わたしはひねもす打たれ、朝ごとに懲らしめをうけた。(中略)
わたしが神の聖所に行って、彼らの最後を悟り得たまではそうであった。
まことにあなたは彼らをなめらかな所に置き、彼らを滅びに陥らせられる。
なんと彼らはまたたくまに滅ぼされ、恐れをもって全く一掃されたことであろう。
あなたが目をさまして彼らの影をかろしめられるとき、彼らは夢みた人の目をさました時のようである。
わたしの魂が痛み、わたしの心が刺されたとき、わたしは愚かで悟りがなく、あなたに対しては獣のようであった。けれどもわたしは常にあなたと共にあり、あなたはわたしの右の手を保たれる。
あなたはさとしをもってわたしを導き、その後わたしを受けて栄光にあずからせられる。詩篇73:1〜24
特に、この詩篇の中の「まことに、わたしはいたずらに心をきよめ、罪を犯すことなく手を洗った。わたしはひねもす打たれ、朝ごとに懲らしめをうけた。」という言葉に注意してください。あなたの心そのままではありませんか? 真面目に生きたって空しい。救いがあるなら苦労することはないじゃあないか。いいえ、違います。神の目に全ては明らかで、神の国の記憶装置は完全です。

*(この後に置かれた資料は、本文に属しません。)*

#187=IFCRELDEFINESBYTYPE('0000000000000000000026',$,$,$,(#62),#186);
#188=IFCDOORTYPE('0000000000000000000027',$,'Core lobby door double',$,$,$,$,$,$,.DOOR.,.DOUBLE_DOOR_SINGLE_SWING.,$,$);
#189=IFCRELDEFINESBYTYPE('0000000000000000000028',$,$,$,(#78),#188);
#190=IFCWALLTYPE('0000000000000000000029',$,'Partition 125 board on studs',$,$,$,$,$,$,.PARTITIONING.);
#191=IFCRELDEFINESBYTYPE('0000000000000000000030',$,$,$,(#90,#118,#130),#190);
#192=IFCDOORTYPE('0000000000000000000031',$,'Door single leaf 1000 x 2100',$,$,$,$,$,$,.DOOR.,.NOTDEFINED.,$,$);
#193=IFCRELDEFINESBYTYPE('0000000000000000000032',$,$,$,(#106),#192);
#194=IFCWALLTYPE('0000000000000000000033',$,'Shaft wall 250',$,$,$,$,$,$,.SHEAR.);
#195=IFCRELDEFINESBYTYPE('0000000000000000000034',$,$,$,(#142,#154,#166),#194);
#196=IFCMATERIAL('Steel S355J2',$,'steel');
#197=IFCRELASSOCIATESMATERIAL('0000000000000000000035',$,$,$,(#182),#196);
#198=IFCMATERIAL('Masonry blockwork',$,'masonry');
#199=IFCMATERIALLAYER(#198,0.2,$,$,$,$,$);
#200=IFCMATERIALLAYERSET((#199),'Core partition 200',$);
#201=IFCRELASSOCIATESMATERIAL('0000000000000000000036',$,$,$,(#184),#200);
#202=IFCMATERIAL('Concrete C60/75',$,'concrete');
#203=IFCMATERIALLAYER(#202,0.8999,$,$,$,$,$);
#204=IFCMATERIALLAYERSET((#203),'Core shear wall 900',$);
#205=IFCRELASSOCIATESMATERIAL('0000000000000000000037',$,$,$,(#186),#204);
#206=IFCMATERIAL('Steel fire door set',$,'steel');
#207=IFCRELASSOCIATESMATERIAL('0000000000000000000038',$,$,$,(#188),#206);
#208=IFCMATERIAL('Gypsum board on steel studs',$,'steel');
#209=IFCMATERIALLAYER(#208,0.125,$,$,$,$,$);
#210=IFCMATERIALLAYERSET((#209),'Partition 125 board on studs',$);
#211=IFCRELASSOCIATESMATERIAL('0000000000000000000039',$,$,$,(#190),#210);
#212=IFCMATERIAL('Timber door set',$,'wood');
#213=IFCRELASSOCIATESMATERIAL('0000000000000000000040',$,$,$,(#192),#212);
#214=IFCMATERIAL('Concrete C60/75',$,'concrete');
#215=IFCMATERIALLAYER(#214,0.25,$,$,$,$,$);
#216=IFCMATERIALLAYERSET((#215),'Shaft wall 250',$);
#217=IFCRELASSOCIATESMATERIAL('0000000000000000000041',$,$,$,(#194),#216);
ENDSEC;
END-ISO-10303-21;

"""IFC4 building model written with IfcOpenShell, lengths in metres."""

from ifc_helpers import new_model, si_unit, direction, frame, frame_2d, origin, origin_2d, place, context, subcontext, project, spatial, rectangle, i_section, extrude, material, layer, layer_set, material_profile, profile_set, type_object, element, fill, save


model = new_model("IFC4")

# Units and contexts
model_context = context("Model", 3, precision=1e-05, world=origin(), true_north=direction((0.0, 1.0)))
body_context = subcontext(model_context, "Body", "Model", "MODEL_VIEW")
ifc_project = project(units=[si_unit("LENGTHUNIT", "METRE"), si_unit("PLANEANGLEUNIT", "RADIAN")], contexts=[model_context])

だから、あなたがたは自分の持っている確信を放棄してはいけない。その確信には大きな報いが伴っているのである。ヘブル10:35
見よ、わたしはすぐに来る。報いを携えてきて、それぞれのしわざに応じて報いよう。黙示録22:12
その時、あなたは神様が実に理にかなった方だと言うことと、あなたの受ける報酬の大きさに驚嘆するでしょう。祝福あれ。